Why did you specialize in religious themes? And what does make your works special?

In more than 25 years of career, I have become an artist who works with all mediums: paintings, sculptures, even contemporary art works. I create new mosaics and restore ancient ones. I don’t consider my art special, there are artists around the world much better than me, I just like the idea of bringing a little bit of the Italian beauty to other places in the world. I like that a lot! 

Even though I grew up in a traditional Catholic family, I am a secular. I had never realized that with my art I would have faced many religious topics. For instance, this year I made a 3D sculpture made in silicon-resin about a biblical theme, neonatal circumcision, a project named HUFO. Three years ago, in Los Angeles, I made “Gethsemanes” another biblical theme, a tridimensional triptych mosaic in polychrome marble that talks about Loneliness, as I have read in Herman Hesse and the Gospel of Matthew. 

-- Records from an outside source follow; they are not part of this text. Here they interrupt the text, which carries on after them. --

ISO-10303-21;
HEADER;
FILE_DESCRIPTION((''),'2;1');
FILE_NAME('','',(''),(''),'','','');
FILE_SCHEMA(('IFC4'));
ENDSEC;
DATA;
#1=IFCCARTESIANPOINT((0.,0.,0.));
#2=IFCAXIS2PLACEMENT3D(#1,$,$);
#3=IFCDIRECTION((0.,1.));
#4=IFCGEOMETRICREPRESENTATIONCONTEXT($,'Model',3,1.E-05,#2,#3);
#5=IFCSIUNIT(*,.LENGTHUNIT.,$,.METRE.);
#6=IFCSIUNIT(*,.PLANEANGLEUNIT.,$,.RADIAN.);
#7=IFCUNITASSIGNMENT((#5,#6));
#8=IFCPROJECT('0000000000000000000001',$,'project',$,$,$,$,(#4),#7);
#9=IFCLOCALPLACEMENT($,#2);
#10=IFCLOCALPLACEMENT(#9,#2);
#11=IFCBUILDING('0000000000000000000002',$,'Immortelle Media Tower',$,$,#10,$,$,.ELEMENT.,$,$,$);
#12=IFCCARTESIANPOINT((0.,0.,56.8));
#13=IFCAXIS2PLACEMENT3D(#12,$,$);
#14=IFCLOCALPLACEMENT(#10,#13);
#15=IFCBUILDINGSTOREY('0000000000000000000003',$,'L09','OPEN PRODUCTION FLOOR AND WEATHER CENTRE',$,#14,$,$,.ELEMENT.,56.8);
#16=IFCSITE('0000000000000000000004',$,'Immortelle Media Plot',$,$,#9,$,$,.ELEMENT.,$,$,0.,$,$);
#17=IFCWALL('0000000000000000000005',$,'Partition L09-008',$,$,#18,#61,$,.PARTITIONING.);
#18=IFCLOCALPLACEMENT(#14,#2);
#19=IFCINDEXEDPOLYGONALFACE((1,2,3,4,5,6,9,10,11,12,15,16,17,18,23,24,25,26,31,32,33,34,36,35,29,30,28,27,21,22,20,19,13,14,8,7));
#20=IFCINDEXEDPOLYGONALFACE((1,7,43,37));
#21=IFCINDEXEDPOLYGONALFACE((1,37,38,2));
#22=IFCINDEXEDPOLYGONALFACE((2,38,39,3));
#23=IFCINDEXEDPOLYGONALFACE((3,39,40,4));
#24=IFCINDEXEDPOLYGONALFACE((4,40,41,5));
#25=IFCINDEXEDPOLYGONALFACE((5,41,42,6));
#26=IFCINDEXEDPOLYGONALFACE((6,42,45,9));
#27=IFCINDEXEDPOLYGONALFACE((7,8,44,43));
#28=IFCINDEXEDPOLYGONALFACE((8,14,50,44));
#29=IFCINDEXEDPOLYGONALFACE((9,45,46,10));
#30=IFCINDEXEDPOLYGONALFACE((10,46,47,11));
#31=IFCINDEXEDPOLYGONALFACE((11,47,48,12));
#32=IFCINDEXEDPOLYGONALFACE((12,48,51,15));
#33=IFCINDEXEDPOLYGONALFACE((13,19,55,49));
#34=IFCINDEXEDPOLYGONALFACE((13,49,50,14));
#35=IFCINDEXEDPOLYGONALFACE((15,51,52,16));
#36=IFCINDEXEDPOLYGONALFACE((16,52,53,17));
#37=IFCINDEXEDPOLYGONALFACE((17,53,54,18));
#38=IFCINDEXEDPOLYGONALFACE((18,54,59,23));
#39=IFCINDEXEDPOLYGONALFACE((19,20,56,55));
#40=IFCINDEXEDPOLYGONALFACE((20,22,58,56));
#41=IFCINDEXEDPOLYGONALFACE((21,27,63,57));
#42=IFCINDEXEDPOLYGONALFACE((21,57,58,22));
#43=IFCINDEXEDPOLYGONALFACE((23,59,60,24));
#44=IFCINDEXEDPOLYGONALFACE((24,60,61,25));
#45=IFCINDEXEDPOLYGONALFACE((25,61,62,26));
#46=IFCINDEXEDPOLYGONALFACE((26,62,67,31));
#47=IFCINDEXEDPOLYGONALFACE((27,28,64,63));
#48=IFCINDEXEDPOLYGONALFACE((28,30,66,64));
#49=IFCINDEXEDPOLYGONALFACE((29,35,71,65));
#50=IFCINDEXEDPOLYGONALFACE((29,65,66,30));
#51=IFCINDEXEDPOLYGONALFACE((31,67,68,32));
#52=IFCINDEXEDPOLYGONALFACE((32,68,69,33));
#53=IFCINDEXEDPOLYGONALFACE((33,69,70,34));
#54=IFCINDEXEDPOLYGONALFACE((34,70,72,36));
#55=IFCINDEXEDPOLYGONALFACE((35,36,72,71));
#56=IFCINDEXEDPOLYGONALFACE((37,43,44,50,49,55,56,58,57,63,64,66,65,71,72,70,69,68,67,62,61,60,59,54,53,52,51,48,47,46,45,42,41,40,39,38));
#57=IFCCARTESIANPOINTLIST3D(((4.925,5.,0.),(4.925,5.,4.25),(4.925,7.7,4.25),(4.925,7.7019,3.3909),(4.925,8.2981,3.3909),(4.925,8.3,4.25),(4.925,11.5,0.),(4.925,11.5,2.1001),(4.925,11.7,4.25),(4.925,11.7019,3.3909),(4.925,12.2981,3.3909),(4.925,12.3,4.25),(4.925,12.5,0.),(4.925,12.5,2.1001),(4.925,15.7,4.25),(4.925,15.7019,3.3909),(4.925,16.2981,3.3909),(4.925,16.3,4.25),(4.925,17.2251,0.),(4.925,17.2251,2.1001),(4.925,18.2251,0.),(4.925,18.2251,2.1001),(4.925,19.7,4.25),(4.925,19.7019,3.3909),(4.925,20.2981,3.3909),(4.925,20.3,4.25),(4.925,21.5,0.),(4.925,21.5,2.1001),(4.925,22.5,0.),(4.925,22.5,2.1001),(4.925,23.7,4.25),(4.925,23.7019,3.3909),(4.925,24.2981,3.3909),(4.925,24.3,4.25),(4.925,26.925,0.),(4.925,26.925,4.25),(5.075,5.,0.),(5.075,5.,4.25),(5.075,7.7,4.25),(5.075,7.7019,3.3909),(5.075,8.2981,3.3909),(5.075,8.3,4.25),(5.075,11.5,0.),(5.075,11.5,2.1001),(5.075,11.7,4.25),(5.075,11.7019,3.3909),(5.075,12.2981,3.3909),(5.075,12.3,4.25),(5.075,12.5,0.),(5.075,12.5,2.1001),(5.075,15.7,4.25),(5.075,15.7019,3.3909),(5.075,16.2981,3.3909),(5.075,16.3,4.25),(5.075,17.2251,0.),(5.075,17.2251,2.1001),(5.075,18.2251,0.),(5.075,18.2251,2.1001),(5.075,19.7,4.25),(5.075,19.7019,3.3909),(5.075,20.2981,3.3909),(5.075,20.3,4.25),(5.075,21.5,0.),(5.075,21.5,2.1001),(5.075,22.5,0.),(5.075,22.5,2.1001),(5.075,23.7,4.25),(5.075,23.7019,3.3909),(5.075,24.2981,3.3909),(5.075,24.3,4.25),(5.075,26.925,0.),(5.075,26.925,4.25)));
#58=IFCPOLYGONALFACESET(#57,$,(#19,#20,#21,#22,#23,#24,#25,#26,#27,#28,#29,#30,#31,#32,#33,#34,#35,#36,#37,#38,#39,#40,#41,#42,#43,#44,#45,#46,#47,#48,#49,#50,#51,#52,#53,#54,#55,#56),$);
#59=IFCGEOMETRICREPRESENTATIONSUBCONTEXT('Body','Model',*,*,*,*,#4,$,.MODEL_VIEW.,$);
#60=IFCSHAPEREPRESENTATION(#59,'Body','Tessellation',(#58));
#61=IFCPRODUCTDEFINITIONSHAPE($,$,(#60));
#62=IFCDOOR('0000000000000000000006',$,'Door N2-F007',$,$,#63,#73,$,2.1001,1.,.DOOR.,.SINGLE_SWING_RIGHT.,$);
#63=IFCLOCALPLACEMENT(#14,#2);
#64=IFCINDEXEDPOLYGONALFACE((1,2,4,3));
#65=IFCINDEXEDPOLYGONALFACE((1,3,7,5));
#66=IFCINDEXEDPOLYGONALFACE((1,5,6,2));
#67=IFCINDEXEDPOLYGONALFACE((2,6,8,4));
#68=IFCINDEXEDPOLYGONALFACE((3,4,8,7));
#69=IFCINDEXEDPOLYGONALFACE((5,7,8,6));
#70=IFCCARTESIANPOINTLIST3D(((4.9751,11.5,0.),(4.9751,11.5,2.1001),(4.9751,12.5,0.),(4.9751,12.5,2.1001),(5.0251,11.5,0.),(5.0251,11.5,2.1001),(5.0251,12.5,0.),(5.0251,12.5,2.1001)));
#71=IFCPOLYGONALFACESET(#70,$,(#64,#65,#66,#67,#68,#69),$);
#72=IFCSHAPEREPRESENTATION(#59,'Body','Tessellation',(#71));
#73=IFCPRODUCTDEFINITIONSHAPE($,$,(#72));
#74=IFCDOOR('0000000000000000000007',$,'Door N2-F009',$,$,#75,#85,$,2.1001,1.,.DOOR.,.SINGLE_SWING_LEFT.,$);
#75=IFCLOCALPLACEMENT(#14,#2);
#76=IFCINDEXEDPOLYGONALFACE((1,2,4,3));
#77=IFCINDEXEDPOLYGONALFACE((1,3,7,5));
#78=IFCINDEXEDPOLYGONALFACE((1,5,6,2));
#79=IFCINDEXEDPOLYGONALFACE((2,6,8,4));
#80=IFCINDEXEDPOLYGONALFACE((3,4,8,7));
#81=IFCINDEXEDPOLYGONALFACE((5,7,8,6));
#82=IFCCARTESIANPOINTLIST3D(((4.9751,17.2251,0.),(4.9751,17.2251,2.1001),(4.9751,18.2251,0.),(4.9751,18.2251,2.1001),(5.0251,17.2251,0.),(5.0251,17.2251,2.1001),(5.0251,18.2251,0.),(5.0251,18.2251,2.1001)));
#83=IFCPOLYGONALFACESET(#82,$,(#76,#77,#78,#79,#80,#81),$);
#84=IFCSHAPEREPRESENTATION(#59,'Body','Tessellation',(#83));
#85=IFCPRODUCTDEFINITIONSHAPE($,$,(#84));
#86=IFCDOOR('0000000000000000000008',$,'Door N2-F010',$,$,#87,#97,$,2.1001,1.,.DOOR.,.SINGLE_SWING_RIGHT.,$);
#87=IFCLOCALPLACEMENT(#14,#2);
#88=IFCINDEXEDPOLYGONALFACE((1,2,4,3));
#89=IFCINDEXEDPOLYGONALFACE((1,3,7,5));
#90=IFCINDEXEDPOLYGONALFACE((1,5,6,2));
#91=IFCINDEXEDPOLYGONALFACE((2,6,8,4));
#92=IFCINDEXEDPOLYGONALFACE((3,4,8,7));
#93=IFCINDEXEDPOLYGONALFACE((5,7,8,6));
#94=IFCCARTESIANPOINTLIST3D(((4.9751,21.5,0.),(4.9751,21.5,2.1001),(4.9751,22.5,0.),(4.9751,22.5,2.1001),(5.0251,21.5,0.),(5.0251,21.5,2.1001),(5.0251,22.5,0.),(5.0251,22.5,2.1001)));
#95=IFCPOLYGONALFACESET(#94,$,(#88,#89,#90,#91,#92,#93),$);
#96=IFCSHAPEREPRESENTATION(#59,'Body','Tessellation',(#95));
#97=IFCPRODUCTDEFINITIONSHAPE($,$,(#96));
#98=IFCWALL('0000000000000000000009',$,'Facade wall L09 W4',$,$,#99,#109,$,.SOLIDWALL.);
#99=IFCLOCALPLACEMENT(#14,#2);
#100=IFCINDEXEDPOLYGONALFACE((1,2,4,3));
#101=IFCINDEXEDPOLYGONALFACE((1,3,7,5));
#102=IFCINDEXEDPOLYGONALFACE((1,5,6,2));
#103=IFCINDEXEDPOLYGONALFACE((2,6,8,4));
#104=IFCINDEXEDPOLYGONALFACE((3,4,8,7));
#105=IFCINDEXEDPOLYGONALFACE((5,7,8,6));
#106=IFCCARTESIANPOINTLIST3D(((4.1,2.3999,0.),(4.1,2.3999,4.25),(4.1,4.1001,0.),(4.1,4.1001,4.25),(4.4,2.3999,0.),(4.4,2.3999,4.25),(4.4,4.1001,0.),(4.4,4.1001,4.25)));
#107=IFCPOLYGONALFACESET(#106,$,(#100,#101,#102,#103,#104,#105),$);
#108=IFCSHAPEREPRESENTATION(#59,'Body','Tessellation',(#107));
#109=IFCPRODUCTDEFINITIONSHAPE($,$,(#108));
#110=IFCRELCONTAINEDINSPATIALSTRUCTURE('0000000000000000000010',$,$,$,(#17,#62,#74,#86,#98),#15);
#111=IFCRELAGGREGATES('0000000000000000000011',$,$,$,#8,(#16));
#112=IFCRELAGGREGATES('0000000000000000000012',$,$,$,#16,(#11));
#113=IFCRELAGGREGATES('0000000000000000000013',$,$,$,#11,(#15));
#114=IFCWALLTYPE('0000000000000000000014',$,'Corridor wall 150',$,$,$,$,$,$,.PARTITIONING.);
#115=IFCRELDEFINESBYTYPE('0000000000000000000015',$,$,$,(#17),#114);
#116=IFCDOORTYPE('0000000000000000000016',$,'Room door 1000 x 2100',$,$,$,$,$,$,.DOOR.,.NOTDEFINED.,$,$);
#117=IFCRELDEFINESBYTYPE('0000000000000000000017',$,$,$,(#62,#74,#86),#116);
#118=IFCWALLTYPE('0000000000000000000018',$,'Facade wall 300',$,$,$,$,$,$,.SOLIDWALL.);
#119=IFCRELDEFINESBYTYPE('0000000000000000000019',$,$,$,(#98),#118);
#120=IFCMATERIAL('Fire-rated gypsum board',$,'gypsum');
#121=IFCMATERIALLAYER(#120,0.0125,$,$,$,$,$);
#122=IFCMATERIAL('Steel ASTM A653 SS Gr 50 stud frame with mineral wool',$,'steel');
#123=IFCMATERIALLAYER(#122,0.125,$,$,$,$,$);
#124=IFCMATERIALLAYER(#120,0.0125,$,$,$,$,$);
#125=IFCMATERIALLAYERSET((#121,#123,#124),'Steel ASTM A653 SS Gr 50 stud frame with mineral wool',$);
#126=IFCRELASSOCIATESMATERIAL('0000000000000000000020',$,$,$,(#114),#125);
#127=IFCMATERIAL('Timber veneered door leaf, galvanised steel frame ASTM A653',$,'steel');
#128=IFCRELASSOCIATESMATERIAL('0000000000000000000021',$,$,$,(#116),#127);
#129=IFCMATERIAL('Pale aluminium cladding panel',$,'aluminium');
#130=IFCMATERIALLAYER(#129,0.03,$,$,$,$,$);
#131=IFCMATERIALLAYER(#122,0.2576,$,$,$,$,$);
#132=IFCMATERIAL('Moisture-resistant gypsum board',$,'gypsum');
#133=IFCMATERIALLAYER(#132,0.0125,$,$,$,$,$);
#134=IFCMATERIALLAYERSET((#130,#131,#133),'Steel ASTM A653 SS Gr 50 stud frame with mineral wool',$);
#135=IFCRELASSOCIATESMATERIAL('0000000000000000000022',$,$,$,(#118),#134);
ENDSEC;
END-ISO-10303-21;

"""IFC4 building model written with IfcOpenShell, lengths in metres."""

from ifc_helpers import new_model, si_unit, direction, frame, frame_2d, origin, place, context, subcontext, project, spatial, polyline, rectangle, outline, extrude, material, layer, layer_set, type_object, element, fill, save


model = new_model("IFC4")

# Units and contexts
model_context = context("Model", 3, precision=1e-05, world=origin(), true_north=direction((0.0, 1.0)))
body_context = subcontext(model_context, "Body", "Model", "MODEL_VIEW")
ifc_project = project(units=[si_unit("LENGTHUNIT", "METRE"), si_unit("PLANEANGLEUNIT", "RADIAN")], contexts=[model_context])

# Site, building, storey
site_placement = place(None, origin())
site = spatial("IfcSite", under=ifc_project, at=site_placement, Name="Immortelle Media Plot", CompositionType="ELEMENT", RefElevation=0.0)
building_placement = place(site_placement, origin())
building = spatial("IfcBuilding", under=site, at=building_placement, Name="Immortelle Media Tower", CompositionType="ELEMENT")
storey_placement = place(building_placement, frame((0.0, 0.0, 56.8)))
storey = spatial("IfcBuildingStorey", under=building, at=storey_placement, Name="L09", Description="OPEN PRODUCTION FLOOR AND WEATHER CENTRE", CompositionType="ELEMENT", Elevation=56.8)

# Wall, openings, doors
ifc_material_1 = material(Name="Fire-rated gypsum board", Category="gypsum")
ifc_layer_1 = layer(ifc_material_1, 0.0125)
ifc_material_2 = material(Name="Steel ASTM A653 SS Gr 50 stud frame with mineral wool", Category="steel")
ifc_layer_2 = layer(ifc_material_2, 0.125)
ifc_layer_3 = layer(ifc_material_1, 0.0125)
ifc_layer_set_1 = layer_set([ifc_layer_1, ifc_layer_2, ifc_layer_3], Name="Steel ASTM A653 SS Gr 50 stud frame with mineral wool")
wall_type_1 = type_object("IfcWallType", Name="Corridor wall 150", PredefinedType="PARTITIONING", material=ifc_layer_set_1)
ifc_material_3 = material(Name="Timber veneered door leaf, galvanised steel frame ASTM A653", Category="steel")
door_type_1 = type_object("IfcDoorType", Name="Room door 1000 x 2100", OperationType="NOTDEFINED", PredefinedType="DOOR", material=ifc_material_3)
wall_1_placement = place(storey_placement, frame((5.0, 5.0, 0.0), z_axis=(0.0, 0.0, 1.0), x_axis=(0.0, 1.0, 0.0)))
wall_1 = element("IfcWall", 1, at=wall_1_placement, inside=storey, type_object=wall_type_1, Name="Partition L09-008", PredefinedType="PARTITIONING", context=body_context, shape_type="SweptSolid", body=[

You have been commissioned works all over the world. What is your relationship with the U.S. and L.A. in particular?

It is true. I had many commissions from the U.S. I don’t know why, maybe it’s because American people have a great sense of respect, admiration, and devotion toward Italian art. As a matter of fact, UNESCO says that in Italy there is more than 50% of the art heritage of the entire world, and I guess American people know it.

As I said before, three years ago in Los Angeles, I made the mosaic “Gethsemanes” for a private client, and last year I was called by the Italian American Museum of Los Angeles to restore a floor mosaic from 1906 at the entrance of the Italian Hall. The Italian Hall is very important for the Italian community in L.A., and it was a great honor and privilege to execute this restoration. 

Being an artist born in Italy can be a problem: I travel a lot abroad because of my job and I see wonderful places and landscapes, but nowhere else I can find the same combination of art, beauty, elegance, and love for details that distinguishes Italian art, architecture, and landscapes. 

Father Piran, what does this new mosaic mean to St. Peter's Church and its community?

St. Peter’s has been since 1970 the home of a massive sculpture titled: “The Immigrants”, depicting the glory of Italian culture represented by poets, artist, inventors and sailors. The author is Alberto Blasi and the monument was commissioned by the “Patrons of Italian Culture.”

Italy is popularly described as the land of travelers, poets and saints. What was missing at St. Peter’s was a monument to the glory of St. Francis of Assisi and St. Catherine of Siena, who have been selected to be Patron Saints of Italy for the cultural and religious impact that they had on Italian history.

 Besides the cultural component of their lives, Saint Francis of Assisi and Saint Catherine of Siena have been and continue to be an important feature of the popular piety of many Italians. Popular piety is not a feature of the Italians only, but a living reality of all the Church. Indeed, popular piety is a true treasure of the People of God.

St. Peter’s Church is known throughout the greater Los Angeles for its feasts and processions for their patron saints which have lived a life of heroic virtue, assisted by the Church, during their pilgrimage on earth. Their life’s goal is the same for us: they inspire us to live the life that God wills for each of us today.  

From now every Italian who will enter their Church of Los Angeles will be “welcomed” at the door by the Saints who are already where we all hope to be one day: with our God.